I'm looking for a newer Dodge diesel truck. Any thought's on which is better ( More reliable ) the 5.9 or the 6.7? I've heard the 6.7 has allot of problem's. How about a little feed-back...... Thanks Scott


----------



## orvis1 (Sep 7, 2007)

The 5.9 is a proven motor I have the 6.7 and it has much better pulling power and I have had zero problems with mine.


----------



## USMARINEhuntinfool (Sep 15, 2007)

I've got the old 12 valve 5.9 its the shiz I love that thing...


----------



## Huge29 (Sep 17, 2007)

USMARINEhuntinfool said:


> I've got the old 12 valve 5.9 its the shiz I love that thing...


+1, same deal on the Powerstroke, the 7.3 is rock solid, but everything else has had problems! The newer emission requirements have hurt overall performance dramatically from what I have read.


----------



## threshershark (Sep 7, 2007)

I've had an '07 Cummins 6.7 for over a year now, and no problems. I must admit that the new emissions standards are not my favorite, but neither was the loud, smoky, obnoxious 5.9.

The 6.7 is a beast. One of the features I love about the truck is the integrated jake brake.

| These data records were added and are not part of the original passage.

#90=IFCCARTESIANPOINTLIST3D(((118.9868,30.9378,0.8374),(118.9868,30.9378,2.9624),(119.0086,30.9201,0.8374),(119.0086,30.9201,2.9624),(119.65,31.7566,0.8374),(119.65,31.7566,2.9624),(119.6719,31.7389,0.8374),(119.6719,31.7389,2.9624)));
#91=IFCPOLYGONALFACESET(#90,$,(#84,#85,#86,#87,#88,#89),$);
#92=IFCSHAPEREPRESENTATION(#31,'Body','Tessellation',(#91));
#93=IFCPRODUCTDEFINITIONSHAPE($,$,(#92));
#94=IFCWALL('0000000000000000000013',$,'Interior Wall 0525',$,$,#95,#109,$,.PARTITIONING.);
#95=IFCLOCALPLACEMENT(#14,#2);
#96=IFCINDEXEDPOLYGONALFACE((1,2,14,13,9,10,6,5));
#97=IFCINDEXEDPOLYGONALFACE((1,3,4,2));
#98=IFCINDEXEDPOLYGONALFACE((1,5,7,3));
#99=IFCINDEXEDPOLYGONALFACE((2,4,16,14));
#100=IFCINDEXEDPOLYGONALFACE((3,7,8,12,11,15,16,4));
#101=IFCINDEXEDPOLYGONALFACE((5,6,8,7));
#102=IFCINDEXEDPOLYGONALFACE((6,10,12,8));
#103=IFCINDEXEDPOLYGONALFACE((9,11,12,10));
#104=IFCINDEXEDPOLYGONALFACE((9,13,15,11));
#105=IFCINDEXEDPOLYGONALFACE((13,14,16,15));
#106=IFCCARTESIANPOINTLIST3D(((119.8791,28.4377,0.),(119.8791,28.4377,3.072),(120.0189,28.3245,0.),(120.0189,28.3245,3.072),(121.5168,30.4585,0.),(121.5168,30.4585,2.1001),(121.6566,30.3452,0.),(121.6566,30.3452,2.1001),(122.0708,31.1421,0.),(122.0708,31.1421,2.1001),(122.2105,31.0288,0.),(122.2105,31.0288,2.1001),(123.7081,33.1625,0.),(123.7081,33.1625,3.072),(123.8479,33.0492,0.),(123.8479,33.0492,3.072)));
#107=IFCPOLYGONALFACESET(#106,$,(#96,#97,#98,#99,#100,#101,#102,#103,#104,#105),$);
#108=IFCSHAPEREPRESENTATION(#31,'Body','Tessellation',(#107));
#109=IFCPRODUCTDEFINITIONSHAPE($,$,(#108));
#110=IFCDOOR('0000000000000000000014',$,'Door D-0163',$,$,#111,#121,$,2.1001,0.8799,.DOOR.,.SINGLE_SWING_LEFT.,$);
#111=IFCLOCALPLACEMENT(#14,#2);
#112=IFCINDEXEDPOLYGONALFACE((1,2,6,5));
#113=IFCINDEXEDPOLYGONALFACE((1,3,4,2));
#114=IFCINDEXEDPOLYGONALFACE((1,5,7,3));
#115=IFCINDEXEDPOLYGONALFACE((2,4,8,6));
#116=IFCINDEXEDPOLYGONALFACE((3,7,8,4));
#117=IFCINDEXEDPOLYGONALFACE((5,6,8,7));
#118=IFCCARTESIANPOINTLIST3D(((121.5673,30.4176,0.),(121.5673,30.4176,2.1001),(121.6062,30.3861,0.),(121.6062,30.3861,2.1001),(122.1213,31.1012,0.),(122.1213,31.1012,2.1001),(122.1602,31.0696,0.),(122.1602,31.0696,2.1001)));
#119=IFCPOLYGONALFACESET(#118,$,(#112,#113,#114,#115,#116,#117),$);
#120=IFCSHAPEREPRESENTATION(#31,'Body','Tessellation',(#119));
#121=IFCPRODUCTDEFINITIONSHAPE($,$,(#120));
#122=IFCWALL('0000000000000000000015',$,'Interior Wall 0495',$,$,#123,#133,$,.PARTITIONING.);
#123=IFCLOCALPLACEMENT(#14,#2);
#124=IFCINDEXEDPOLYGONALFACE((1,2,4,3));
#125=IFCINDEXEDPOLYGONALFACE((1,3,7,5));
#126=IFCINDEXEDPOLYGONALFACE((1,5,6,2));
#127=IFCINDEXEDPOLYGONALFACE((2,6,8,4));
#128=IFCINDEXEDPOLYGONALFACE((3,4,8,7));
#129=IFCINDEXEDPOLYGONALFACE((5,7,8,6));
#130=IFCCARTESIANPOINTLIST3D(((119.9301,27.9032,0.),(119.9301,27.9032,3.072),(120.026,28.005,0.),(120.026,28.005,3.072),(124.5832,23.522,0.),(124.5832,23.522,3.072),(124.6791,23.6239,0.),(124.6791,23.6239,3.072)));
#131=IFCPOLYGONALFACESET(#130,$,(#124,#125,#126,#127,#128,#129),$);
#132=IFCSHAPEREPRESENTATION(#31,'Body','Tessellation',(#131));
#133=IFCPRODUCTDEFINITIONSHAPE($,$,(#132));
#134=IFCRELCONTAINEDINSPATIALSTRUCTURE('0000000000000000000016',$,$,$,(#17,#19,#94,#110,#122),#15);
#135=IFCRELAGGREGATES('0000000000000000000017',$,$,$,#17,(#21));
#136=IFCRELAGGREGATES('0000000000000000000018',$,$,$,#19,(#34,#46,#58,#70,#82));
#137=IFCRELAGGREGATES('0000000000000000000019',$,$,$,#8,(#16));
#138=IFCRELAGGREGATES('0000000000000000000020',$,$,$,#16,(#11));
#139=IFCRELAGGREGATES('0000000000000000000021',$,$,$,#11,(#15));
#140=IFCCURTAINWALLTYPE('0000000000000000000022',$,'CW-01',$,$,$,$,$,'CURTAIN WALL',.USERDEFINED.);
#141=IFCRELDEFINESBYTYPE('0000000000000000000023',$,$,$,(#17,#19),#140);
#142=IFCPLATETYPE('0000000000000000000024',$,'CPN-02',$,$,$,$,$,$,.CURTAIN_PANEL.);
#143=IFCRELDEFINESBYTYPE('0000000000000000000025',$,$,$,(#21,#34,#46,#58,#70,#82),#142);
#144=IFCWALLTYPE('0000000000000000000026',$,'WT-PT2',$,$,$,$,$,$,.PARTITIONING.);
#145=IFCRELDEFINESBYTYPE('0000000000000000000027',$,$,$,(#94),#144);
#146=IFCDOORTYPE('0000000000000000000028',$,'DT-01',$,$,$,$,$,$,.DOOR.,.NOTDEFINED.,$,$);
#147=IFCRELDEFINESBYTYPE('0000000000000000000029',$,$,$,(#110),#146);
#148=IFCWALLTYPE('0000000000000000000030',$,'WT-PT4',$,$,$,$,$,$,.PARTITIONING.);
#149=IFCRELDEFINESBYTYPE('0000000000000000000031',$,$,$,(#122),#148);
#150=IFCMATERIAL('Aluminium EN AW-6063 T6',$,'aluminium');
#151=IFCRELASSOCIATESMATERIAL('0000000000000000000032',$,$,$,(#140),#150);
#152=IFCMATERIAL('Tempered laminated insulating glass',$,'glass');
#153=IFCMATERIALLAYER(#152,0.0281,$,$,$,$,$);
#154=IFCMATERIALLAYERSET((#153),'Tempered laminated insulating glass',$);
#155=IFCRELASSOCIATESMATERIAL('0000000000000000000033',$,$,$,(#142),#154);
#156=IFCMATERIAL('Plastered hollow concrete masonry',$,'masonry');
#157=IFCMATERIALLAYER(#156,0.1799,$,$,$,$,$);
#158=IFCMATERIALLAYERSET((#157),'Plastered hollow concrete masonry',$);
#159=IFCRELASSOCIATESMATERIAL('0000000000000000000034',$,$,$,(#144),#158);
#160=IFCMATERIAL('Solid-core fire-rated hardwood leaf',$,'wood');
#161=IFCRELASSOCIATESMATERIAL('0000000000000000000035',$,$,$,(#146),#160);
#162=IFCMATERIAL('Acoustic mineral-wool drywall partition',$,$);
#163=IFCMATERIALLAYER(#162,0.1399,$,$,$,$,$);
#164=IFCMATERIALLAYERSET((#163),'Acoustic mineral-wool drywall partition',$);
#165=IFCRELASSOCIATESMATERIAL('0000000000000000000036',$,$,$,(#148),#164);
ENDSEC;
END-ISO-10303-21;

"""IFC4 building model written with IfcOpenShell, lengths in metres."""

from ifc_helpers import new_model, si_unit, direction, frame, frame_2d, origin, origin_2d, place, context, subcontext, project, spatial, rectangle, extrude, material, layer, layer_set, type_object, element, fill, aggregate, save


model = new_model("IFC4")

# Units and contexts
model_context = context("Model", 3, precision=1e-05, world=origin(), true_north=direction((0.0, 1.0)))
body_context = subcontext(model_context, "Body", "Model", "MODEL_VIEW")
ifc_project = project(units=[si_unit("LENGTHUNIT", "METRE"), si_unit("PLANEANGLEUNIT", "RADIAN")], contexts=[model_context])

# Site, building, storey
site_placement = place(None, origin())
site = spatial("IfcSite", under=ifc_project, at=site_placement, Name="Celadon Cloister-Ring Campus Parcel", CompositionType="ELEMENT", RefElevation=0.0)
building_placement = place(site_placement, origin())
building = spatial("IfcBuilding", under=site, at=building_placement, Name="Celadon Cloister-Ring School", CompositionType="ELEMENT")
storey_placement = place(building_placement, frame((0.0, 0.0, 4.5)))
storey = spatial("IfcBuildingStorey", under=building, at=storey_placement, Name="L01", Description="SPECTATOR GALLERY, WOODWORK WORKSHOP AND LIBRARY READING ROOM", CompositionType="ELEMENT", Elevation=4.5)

When buying, you may wish to consider the terms too. I've seen 0% for 72 months on new Rams, but if you buy a used 5.9 you'll be paying interest if you are financing the vehicle.

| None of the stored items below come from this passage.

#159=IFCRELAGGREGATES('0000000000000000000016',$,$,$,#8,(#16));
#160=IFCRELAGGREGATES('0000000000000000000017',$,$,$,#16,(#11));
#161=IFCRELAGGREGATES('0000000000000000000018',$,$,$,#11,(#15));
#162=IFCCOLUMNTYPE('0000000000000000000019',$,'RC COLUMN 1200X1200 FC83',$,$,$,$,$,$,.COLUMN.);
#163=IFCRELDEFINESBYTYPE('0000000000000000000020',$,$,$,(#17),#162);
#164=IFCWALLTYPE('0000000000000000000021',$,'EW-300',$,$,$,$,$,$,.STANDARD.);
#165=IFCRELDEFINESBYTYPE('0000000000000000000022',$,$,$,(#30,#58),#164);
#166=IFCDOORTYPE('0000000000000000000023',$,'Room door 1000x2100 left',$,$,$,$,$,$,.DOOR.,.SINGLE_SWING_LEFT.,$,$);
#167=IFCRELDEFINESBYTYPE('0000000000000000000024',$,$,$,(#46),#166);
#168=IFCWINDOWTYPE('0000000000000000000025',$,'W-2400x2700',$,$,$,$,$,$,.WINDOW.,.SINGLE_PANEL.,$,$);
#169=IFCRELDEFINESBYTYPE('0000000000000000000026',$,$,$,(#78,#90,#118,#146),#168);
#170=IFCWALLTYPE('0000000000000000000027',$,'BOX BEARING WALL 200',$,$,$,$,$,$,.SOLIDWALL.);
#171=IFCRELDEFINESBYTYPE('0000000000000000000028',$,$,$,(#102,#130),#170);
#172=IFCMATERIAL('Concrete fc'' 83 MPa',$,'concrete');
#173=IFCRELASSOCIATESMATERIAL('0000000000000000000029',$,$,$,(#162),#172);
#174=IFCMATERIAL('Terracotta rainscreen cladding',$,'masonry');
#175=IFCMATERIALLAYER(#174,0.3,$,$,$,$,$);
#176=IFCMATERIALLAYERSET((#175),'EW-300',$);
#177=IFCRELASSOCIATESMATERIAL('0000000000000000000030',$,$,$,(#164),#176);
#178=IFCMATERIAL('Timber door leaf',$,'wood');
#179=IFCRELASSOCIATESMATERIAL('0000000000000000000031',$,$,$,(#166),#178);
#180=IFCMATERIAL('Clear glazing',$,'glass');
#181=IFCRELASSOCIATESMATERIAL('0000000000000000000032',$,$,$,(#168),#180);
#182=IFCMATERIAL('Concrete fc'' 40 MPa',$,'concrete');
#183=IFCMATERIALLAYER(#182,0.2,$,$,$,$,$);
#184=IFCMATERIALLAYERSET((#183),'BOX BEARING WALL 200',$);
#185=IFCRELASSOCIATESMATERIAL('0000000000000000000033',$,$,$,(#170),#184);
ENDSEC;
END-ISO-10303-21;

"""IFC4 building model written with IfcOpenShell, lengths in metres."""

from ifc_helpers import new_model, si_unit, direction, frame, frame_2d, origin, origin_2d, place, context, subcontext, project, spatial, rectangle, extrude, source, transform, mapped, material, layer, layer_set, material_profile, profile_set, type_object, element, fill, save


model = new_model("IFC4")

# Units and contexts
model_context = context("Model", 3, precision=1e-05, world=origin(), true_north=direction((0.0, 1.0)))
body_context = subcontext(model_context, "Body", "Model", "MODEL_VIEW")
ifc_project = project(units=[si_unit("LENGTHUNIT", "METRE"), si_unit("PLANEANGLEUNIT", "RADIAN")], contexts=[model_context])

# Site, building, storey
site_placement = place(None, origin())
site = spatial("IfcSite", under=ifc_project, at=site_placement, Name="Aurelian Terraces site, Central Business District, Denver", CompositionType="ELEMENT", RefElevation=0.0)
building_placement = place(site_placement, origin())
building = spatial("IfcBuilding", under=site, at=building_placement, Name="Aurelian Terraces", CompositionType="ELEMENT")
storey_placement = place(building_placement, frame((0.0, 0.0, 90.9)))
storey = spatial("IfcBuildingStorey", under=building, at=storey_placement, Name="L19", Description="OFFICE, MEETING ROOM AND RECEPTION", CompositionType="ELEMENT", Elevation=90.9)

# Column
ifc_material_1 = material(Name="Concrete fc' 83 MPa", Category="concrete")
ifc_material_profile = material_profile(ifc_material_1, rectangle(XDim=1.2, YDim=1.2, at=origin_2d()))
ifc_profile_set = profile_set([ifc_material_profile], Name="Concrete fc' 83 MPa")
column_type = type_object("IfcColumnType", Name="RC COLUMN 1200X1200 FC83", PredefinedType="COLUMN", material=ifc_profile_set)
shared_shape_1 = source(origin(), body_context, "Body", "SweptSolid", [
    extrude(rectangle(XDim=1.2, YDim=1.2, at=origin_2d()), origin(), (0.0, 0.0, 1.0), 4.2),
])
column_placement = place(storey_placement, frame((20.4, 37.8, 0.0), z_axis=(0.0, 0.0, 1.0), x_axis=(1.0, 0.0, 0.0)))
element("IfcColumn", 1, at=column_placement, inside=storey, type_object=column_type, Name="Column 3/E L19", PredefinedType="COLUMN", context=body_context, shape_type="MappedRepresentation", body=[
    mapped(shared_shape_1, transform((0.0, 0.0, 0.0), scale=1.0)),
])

If I was buying a used diesel, I would hands down be looking for a 2003 Duramax with low miles. The 2003 was the last year that no cat was required, let alone the DPF/EGR stuff on 2007 or newer models. Put a 4" pipe from the turbo back, a cold air intake, and a modest programmer like a Hypertech on the '03 Dmax and it is a monster that doesn't have any of the 5.9 Cummins' annoying rattle or noise. Plus it's mated to the Allison tranny.

The 6-speed auto that was new for 2007 is an upgrade on previous available automatics too. If you decide on a used 5.9, get a manual or plan on rebuilding the transmission about every 30k miles.


----------



## .45 (Sep 21, 2007)

threshershark said:


>


I would never, never buy something like that !!! _O\

Jeez....I would need an 8' ladder just to see into the bed !!! :mrgreen:


----------



## buggsz24 (Mar 18, 2008)

Huge29 said:


> the 7.3 is rock solid, but everything else has had problems!

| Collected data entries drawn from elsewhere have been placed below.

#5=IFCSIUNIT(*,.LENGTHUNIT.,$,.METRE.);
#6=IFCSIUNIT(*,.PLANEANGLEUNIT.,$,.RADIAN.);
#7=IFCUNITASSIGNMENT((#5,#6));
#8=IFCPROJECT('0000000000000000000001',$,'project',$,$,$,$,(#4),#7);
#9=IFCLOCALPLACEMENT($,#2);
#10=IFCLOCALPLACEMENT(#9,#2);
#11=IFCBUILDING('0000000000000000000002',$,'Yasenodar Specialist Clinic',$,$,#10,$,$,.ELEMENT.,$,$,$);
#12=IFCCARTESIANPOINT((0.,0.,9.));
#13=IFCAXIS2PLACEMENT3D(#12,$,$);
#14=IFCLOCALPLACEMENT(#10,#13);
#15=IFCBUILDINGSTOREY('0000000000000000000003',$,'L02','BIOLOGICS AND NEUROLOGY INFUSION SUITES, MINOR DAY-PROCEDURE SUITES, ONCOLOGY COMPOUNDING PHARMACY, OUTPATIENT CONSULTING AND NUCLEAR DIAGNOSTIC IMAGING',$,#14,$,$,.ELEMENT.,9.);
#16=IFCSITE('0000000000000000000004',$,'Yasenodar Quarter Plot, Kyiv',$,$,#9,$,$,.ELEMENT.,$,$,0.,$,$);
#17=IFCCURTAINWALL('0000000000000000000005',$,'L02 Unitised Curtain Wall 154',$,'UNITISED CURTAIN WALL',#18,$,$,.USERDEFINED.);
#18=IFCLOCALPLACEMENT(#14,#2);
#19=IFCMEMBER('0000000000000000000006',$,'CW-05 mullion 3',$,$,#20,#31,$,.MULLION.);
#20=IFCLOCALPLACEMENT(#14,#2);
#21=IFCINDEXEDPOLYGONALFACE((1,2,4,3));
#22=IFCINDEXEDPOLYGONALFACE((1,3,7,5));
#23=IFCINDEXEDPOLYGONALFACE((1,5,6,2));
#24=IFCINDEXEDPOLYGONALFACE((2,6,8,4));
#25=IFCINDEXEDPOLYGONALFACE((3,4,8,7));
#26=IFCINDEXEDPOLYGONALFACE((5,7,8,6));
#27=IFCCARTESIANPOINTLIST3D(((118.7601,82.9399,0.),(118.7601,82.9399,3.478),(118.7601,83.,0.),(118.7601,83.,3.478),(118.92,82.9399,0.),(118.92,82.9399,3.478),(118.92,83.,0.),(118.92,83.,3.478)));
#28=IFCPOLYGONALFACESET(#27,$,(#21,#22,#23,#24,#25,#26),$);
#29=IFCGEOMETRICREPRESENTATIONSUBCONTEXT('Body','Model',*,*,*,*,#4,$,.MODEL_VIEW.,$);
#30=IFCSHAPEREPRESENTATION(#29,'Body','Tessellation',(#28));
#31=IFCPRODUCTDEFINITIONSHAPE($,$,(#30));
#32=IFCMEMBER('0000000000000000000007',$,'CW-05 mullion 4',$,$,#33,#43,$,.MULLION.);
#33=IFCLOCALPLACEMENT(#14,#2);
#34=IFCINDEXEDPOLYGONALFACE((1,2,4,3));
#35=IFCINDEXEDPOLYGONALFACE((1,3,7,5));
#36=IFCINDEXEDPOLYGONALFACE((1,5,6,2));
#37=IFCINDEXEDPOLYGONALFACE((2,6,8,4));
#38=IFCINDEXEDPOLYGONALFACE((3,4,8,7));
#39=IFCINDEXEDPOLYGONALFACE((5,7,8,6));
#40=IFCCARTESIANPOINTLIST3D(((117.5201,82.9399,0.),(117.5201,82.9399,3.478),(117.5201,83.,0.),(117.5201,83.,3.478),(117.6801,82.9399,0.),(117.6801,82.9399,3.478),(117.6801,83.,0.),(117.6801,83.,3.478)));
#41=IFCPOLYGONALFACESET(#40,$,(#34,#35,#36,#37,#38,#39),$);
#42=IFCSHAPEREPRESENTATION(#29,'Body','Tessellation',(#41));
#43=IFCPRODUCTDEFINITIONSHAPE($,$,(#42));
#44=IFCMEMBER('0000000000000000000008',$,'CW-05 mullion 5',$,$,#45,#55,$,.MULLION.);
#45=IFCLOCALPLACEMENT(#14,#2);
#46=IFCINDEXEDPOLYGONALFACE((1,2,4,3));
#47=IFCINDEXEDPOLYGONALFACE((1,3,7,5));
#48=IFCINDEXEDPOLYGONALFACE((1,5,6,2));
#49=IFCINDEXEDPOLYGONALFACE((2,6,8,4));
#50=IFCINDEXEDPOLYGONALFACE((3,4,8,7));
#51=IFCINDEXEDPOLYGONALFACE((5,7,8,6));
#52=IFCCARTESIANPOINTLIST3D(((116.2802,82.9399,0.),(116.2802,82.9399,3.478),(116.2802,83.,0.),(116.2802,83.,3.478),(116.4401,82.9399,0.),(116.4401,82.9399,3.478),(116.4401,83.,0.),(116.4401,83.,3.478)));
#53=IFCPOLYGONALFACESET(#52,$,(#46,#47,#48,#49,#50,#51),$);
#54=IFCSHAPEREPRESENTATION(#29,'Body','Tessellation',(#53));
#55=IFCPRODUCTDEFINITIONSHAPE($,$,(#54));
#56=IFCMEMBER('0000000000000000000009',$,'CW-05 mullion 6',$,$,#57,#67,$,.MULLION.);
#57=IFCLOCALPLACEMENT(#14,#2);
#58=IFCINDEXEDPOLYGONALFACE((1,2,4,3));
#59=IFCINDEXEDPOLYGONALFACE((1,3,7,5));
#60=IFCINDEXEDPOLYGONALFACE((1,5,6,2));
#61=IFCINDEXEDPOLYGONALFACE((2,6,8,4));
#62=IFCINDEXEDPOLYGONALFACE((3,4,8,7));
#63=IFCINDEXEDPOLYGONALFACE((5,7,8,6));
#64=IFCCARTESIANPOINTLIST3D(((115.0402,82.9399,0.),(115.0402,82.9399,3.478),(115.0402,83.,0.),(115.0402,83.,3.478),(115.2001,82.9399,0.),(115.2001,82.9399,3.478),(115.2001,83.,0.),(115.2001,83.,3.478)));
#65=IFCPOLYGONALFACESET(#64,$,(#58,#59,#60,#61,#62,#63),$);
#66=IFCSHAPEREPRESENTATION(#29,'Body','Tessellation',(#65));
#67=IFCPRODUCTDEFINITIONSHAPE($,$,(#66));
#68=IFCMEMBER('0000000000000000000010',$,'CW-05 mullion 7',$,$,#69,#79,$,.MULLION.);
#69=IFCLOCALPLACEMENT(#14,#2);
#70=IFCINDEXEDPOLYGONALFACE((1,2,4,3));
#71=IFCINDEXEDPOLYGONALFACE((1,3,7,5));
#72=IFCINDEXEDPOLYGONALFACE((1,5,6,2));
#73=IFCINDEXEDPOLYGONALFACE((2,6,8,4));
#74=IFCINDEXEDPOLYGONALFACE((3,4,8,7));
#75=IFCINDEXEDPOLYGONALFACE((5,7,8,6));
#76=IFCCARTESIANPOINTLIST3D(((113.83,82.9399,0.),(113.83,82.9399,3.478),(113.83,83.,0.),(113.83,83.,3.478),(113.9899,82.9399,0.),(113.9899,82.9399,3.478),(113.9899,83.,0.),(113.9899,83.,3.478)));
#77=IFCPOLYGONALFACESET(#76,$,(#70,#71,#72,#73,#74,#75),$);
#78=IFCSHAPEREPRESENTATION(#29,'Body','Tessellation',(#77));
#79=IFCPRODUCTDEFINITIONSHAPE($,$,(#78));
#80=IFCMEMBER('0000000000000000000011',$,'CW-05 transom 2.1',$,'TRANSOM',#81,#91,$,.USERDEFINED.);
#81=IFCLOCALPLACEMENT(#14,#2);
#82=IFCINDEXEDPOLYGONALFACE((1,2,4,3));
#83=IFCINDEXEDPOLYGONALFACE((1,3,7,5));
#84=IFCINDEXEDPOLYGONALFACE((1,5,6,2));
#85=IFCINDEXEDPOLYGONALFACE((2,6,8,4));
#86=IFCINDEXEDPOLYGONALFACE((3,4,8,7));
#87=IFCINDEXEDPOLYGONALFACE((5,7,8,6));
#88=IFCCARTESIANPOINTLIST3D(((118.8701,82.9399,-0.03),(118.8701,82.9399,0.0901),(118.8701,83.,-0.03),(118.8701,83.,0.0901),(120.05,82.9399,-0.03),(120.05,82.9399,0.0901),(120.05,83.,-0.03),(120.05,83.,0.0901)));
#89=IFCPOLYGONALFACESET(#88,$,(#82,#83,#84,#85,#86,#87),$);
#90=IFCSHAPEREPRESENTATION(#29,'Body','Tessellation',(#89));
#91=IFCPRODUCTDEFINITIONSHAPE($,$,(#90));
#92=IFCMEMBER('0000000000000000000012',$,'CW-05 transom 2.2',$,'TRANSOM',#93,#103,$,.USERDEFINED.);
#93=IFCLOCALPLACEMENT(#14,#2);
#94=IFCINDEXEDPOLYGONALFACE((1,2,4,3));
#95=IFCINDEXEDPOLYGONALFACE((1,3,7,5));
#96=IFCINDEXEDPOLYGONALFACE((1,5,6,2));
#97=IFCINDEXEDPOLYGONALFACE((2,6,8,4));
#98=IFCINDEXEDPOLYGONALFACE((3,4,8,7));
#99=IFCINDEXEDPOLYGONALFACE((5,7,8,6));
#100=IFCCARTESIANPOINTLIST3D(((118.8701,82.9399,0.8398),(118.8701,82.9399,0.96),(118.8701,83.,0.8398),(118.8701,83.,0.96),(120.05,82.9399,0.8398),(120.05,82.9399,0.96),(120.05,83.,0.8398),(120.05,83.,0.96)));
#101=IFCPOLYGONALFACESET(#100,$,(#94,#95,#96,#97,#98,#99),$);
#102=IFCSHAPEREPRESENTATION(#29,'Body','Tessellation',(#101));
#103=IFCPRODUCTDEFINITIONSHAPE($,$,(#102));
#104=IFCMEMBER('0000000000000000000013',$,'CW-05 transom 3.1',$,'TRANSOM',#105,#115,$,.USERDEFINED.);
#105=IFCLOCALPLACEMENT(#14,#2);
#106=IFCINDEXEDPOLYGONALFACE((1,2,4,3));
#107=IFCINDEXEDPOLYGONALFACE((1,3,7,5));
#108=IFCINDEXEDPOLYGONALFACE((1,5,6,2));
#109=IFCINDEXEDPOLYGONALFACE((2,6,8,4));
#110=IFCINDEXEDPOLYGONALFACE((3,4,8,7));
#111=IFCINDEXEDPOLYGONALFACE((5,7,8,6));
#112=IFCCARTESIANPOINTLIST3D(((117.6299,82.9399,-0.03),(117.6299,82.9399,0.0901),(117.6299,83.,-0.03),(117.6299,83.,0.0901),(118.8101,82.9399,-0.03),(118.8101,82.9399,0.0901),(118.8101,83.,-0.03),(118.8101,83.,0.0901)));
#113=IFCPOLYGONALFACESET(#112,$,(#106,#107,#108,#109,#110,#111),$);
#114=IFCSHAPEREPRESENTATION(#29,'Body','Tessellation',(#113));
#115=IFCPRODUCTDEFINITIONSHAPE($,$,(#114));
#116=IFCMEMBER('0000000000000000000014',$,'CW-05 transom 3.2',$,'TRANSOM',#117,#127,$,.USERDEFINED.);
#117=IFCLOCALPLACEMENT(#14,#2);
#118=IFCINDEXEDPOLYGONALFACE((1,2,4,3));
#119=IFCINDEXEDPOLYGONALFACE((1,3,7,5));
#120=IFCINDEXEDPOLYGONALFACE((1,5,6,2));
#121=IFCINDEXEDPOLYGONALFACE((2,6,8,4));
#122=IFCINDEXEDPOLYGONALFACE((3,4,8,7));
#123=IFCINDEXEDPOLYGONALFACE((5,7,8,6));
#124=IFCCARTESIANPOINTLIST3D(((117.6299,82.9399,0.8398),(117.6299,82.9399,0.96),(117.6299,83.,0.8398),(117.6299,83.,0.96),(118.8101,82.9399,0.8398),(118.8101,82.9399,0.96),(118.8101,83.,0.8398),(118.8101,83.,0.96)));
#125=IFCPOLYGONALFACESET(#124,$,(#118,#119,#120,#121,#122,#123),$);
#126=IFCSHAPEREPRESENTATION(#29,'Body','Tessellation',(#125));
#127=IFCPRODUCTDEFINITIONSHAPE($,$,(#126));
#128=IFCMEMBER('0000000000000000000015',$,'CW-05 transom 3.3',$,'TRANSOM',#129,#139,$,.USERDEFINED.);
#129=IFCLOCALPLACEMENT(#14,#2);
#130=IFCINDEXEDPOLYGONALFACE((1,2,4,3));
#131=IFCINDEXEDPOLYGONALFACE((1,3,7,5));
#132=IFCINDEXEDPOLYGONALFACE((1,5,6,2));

Yeah, starting with the transmission that came bolted to it.


----------



## threshershark (Sep 7, 2007)

.45 said:


> Jeez....I would need an 8' ladder just to see into the bed !!!


I have a sign on my nerf steps that says: You must be THIS tall to ride in the Cummins.

With your hat on, you qualify...


----------



## .45 (Sep 21, 2007)

threshershark said:


> .45 said:
> 
> 
> > Jeez....I would need an 8' ladder just to see into the bed !!!
> ...


Yeeeaaaaahhhooooooeeeeeeee !!!!!!!!

Lets Ride !!!!! :lol:


----------



## Renegade (Sep 11, 2007)

I've had the 6.7 mega cab since August of 07. I've had 3 problems so far:

1. Regenerator was giving bad codes-flash update fixed the problem.
2. Turbo sooted up at about 38,000 miles-repaired under the 100K mile Diesel warranty.
3. U-Joint went bad last week returning from a hunt in Texas. Replaced with better after market one & we're fine. Just rolled over 54K

It's a great engine, but it's made for the highway, not putting around town all the time. After the diesel warranty is expired, I will do a DPF/EGR delete.


----------



## CUT-EM (Dec 19, 2007)

All them cummins motors are awesome! Its just the junk they wrap around them that u have to worry about.Yah I know,I had an 04, and an 06, cummins.I thought the 04 was a lemon so i got an 06 and what do you know....same deal,awesome motor, the rest of the truck junk.


----------